The petition primarily challenges Sections 2(1)(e), 14(2), 21, 22(4) and 27(3) of the ART Act, Rules 3, 7 and 12 of the Assisted Reproductive Technology (Regulation) Rules, 2022, Sections 2(1)(h), 2(1)(r), 2(1)(s), 2(1)(zd), 2(1)(zg), 4(ii)(a), 4(ii)(b), 4(iii), 4(c), 8 and 38(1)(a) of the SRA, and Rules 3(1), 5(2), 6, 7 and 10 of the Surrogacy (Regulation) Rules, 2022.
The specific grounds of challenge are:
Advocate-on-record Mohini Priya, who filed and argued the petition, has expressed concern that the SRA confines surrogacy to heteronormative Indian married couples. It excludes several other alternative family arrangements like live-in couples, same-sex couples and single parents, which have time and again been given legal recognition by the Supreme Court.
Certain provisions under the SRA, as per the petition, that mandate only a close relative to act as a surrogate, is a major compromise on the privacy of intending couples.

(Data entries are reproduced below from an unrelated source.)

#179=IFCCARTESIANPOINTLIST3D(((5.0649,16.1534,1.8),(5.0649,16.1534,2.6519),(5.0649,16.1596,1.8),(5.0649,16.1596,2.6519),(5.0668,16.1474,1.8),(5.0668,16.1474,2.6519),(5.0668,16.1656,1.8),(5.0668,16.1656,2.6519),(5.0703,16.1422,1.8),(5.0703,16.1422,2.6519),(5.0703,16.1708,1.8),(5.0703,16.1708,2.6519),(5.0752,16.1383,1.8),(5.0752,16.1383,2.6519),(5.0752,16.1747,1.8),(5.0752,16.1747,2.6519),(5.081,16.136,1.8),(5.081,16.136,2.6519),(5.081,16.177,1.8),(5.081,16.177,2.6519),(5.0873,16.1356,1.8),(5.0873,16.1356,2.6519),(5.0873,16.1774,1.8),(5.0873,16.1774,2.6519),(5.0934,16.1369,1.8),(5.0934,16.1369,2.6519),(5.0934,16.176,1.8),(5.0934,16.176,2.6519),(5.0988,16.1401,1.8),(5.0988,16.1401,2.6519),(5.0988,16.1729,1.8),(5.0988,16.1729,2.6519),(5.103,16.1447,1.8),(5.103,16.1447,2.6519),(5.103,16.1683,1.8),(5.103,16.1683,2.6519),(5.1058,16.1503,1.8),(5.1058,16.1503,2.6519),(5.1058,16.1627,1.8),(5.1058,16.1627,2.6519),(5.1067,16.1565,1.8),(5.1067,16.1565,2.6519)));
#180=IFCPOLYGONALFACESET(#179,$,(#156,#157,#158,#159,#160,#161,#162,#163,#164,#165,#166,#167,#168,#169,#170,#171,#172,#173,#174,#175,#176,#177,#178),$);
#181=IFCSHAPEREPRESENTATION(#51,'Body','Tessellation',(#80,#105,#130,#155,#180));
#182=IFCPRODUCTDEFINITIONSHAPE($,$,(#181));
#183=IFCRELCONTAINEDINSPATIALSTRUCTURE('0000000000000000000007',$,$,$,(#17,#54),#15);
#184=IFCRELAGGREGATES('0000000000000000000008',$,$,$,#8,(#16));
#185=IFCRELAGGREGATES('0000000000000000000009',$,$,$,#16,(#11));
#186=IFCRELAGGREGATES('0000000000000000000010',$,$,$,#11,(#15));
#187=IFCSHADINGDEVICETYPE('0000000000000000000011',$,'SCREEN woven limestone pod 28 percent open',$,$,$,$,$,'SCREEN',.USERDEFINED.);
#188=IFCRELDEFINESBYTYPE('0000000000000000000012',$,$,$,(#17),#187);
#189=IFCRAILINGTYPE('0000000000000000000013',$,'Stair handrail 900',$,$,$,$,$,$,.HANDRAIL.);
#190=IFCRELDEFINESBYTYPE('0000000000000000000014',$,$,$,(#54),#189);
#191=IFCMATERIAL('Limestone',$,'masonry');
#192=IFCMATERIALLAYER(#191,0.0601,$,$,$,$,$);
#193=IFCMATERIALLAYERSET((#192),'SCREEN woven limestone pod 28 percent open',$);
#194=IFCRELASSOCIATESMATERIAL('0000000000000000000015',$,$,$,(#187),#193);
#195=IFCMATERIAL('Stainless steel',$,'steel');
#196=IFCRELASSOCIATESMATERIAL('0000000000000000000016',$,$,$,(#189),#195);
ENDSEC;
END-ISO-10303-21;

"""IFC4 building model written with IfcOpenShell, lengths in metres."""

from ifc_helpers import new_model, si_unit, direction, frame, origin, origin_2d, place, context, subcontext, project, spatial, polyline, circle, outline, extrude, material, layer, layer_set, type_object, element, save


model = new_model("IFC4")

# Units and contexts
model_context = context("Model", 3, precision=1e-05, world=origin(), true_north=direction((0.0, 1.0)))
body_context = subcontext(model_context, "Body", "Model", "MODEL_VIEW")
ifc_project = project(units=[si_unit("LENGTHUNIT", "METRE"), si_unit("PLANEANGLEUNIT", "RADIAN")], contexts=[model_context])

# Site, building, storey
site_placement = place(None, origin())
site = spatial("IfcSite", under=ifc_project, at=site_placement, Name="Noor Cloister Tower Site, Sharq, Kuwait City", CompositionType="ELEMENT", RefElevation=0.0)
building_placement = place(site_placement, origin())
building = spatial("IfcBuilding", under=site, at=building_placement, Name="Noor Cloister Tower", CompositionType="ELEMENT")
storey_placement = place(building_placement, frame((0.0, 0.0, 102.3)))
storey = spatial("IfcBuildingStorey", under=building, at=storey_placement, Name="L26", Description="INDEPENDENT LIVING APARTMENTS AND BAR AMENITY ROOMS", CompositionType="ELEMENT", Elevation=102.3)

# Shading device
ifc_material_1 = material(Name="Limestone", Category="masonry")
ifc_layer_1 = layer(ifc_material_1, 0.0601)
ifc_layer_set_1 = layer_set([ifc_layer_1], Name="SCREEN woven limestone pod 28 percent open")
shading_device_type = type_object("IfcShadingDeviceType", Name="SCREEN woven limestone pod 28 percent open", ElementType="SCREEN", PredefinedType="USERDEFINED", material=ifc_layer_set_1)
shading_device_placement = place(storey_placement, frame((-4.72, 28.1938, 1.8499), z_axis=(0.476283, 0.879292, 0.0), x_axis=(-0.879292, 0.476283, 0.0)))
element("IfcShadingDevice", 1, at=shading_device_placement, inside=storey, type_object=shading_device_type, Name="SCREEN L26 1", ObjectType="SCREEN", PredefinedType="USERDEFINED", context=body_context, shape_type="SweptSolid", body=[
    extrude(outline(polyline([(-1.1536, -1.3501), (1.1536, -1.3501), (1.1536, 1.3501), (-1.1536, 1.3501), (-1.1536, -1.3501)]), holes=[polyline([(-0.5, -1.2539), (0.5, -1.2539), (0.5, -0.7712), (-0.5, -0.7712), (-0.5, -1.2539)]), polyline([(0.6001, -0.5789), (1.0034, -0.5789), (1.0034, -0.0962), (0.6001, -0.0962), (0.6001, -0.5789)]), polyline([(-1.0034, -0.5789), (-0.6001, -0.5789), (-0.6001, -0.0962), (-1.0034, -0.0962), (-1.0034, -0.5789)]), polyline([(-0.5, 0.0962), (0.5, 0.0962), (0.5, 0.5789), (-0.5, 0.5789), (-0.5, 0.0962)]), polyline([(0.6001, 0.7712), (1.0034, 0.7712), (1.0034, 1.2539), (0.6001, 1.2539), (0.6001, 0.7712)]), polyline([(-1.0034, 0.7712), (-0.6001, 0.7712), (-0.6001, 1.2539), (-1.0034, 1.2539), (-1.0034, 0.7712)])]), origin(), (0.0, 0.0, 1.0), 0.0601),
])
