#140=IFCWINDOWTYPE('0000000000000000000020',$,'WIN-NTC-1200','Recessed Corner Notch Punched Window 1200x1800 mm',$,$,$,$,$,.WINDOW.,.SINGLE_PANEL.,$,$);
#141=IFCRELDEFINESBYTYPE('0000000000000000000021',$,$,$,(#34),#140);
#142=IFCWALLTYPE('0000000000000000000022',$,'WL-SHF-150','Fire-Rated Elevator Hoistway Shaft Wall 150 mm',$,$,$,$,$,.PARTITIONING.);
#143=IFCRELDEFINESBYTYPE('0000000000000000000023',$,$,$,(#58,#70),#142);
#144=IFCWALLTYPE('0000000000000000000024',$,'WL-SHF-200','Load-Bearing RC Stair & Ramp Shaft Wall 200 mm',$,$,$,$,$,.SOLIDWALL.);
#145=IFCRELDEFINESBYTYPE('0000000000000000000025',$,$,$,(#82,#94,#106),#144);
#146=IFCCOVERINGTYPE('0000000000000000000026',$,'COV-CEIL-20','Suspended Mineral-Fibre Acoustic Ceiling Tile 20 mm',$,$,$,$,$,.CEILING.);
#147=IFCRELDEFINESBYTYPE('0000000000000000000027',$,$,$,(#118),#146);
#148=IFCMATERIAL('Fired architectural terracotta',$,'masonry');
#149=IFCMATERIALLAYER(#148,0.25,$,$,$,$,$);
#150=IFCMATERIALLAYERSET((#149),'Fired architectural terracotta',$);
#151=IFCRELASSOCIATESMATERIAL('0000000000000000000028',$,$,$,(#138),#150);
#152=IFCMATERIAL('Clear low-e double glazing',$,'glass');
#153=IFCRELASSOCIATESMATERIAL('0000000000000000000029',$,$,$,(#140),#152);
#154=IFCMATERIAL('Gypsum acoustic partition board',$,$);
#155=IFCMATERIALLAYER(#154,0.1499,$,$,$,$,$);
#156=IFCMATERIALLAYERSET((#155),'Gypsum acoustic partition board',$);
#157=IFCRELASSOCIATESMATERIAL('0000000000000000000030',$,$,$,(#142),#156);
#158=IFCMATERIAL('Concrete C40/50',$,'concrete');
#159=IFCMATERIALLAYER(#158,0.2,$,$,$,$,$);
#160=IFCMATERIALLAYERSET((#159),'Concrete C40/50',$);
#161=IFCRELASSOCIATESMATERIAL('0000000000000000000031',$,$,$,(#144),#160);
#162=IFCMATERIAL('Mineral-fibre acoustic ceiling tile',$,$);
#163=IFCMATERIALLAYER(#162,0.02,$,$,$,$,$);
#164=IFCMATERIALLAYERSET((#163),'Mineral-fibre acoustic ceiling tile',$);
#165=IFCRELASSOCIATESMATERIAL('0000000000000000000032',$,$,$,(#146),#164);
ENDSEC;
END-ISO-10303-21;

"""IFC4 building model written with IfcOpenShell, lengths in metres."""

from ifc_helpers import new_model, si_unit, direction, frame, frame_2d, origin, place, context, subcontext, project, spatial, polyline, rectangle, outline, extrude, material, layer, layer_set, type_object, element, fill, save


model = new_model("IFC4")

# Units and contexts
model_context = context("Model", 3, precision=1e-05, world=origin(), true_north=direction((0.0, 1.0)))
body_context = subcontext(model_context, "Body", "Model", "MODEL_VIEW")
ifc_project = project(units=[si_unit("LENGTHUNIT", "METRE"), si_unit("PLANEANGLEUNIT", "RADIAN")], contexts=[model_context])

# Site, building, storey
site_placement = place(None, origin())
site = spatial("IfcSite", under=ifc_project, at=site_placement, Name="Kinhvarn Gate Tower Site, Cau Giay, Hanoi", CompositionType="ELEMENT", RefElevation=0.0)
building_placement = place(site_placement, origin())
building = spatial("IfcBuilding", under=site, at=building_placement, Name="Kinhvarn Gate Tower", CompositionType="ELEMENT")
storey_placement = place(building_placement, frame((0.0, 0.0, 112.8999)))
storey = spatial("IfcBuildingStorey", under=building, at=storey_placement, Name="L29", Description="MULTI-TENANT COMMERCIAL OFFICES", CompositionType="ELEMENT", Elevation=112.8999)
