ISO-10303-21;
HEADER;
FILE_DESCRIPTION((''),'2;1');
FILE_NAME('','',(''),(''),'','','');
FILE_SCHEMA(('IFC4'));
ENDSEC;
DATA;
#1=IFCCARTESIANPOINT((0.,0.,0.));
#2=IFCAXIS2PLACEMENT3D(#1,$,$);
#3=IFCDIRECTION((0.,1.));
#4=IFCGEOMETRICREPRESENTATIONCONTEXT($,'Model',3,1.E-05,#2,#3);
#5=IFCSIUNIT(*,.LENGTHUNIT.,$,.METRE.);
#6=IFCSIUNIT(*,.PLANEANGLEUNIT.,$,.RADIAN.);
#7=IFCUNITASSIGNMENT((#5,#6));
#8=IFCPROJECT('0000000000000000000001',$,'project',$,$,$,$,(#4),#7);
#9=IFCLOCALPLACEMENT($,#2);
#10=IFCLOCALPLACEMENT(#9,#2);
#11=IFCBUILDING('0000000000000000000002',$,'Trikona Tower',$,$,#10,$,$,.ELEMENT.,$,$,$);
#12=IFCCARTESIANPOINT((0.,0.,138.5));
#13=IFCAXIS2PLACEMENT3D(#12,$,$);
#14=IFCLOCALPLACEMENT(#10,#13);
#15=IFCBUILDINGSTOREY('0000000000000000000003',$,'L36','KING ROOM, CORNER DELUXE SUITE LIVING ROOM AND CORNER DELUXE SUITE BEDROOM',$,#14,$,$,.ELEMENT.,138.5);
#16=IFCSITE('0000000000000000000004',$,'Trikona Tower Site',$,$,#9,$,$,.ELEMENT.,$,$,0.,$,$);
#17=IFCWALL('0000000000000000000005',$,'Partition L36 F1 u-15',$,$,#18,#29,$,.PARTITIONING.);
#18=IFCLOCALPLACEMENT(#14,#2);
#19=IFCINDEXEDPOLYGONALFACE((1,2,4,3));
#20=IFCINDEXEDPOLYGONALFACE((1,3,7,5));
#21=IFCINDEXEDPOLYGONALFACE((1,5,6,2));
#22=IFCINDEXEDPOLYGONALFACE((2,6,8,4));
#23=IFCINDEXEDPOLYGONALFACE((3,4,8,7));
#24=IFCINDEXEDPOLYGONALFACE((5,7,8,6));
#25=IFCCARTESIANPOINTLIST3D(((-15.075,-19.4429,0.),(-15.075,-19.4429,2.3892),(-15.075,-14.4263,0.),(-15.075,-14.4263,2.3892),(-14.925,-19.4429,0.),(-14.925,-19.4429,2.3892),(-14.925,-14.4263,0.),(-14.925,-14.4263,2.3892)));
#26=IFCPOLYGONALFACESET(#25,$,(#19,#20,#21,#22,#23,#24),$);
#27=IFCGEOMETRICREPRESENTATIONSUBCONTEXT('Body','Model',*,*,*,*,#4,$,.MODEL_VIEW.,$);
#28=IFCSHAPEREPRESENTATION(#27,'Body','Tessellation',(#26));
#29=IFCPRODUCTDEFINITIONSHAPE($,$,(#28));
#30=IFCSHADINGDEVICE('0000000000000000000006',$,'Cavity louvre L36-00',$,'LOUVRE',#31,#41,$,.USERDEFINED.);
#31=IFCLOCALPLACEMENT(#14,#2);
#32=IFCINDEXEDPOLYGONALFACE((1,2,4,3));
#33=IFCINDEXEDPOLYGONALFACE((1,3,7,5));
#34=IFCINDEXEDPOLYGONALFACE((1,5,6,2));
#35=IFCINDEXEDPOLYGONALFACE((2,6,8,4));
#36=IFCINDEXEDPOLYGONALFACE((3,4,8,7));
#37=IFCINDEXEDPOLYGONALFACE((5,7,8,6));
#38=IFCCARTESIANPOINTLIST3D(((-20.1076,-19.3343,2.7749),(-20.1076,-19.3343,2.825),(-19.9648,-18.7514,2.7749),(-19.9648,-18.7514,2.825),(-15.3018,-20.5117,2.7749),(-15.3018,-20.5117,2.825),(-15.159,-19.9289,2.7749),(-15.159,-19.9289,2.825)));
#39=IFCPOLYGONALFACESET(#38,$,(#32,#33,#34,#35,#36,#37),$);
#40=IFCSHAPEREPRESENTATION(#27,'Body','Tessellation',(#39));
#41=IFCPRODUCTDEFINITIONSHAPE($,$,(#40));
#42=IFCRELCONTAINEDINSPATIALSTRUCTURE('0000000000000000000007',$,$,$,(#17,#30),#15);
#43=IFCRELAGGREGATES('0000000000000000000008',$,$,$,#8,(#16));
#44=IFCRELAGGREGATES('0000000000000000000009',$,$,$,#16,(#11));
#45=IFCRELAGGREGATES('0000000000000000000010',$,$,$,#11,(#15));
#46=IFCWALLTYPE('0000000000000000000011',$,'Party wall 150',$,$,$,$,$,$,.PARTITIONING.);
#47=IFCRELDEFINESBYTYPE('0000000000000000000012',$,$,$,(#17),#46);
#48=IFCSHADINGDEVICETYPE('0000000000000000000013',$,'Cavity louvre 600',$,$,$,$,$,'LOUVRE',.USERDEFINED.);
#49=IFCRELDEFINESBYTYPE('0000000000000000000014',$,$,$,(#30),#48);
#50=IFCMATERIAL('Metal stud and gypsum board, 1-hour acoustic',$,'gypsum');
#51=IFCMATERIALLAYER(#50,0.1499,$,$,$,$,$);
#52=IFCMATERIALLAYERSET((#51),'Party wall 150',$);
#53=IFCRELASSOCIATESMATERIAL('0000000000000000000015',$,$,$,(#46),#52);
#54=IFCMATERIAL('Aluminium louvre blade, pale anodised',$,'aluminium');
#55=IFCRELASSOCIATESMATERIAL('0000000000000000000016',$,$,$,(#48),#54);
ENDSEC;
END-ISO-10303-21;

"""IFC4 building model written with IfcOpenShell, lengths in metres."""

from ifc_helpers import new_model, si_unit, direction, frame, frame_2d, origin, origin_2d, place, context, subcontext, project, spatial, rectangle, extrude, material, layer, layer_set, type_object, element, save


model = new_model("IFC4")

# Units and contexts
model_context = context("Model", 3, precision=1e-05, world=origin(), true_north=direction((0.0, 1.0)))
body_context = subcontext(model_context, "Body", "Model", "MODEL_VIEW")
ifc_project = project(units=[si_unit("LENGTHUNIT", "METRE"), si_unit("PLANEANGLEUNIT", "RADIAN")], contexts=[model_context])

# Site, building, storey
site_placement = place(None, origin())
site = spatial("IfcSite", under=ifc_project, at=site_placement, Name="Trikona Tower Site", CompositionType="ELEMENT", RefElevation=0.0)
building_placement = place(site_placement, origin())
building = spatial("IfcBuilding", under=site, at=building_placement, Name="Trikona Tower", CompositionType="ELEMENT")
storey_placement = place(building_placement, frame((0.0, 0.0, 138.5)))
storey = spatial("IfcBuildingStorey", under=building, at=storey_placement, Name="L36", Description="KING ROOM, CORNER DELUXE SUITE LIVING ROOM AND CORNER DELUXE SUITE BEDROOM", CompositionType="ELEMENT", Elevation=138.5)

# Wall
ifc_material_1 = material(Name="Metal stud and gypsum board, 1-hour acoustic", Category="gypsum")
ifc_layer_1 = layer(ifc_material_1, 0.1499)
ifc_layer_set_1 = layer_set([ifc_layer_1], Name="Party wall 150")
wall_type_1 = type_object("IfcWallType", Name="Party wall 150", PredefinedType="PARTITIONING", material=ifc_layer_set_1)
wall_1_placement = place(storey_placement, frame((-15.0, -14.4263, 0.0), z_axis=(0.0, 0.0, 1.0), x_axis=(0.0, -1.0, 0.0)))
element("IfcWall", 1, at=wall_1_placement, inside=storey, type_object=wall_type_1, Name="Partition L36 F1 u-15", PredefinedType="PARTITIONING", context=body_context, shape_type="SweptSolid", body=[
    extrude(rectangle(XDim=5.0166, YDim=0.1499, at=frame_2d((2.5083, 0.0))), origin(), (0.0, 0.0, 1.0), 2.3892),
])

# Shading device
ifc_material_2 = material(Name="Aluminium louvre blade, pale anodised", Category="aluminium")
shading_device_type = type_object("IfcShadingDeviceType", Name="Cavity louvre 600", ElementType="LOUVRE", PredefinedType="USERDEFINED", material=ifc_material_2)
shading_device_placement = place(storey_placement, frame((-17.6333, -19.6316, 2.7749), z_axis=(0.0, 0.0, 1.0), x_axis=(0.971274, -0.237962, 0.0)))
element("IfcShadingDevice", 2, at=shading_device_placement, inside=storey, type_object=shading_device_type, Name="Cavity louvre L36-00", ObjectType="LOUVRE", PredefinedType="USERDEFINED", context=body_context, shape_type="SweptSolid", body=[
    extrude(rectangle(XDim=4.948, YDim=0.6001, at=origin_2d()), origin(), (0.0, 0.0, 1.0), 0.05),
])

save(model, "model.ifc")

Apart from that, imposing a blanket ban on commercial surrogacy while allowing only altruistic surrogacy through a close relative, will inadvertently result in the exploitation of a young vulnerable woman within the family by coercing her to act as a surrogate, the petition avers.
The petitioner, a Chennai-based In vitro fertilization and fertility doctor, has prayed for the Supreme Court to issue an appropriate writ to recognise the rights of women other than those married and above the age of 35 years to avail of surrogacy, strike down the definition of a couple under section 2(1)(h) of the SRA and of commissioning couple in section 2(1)(e) of the ART Act, rephrase the definitions of gestational surrogacy and a surrogate mother in order to align them with each other, and allow compensatory surrogacy within a defined legal structure and framework, among other things.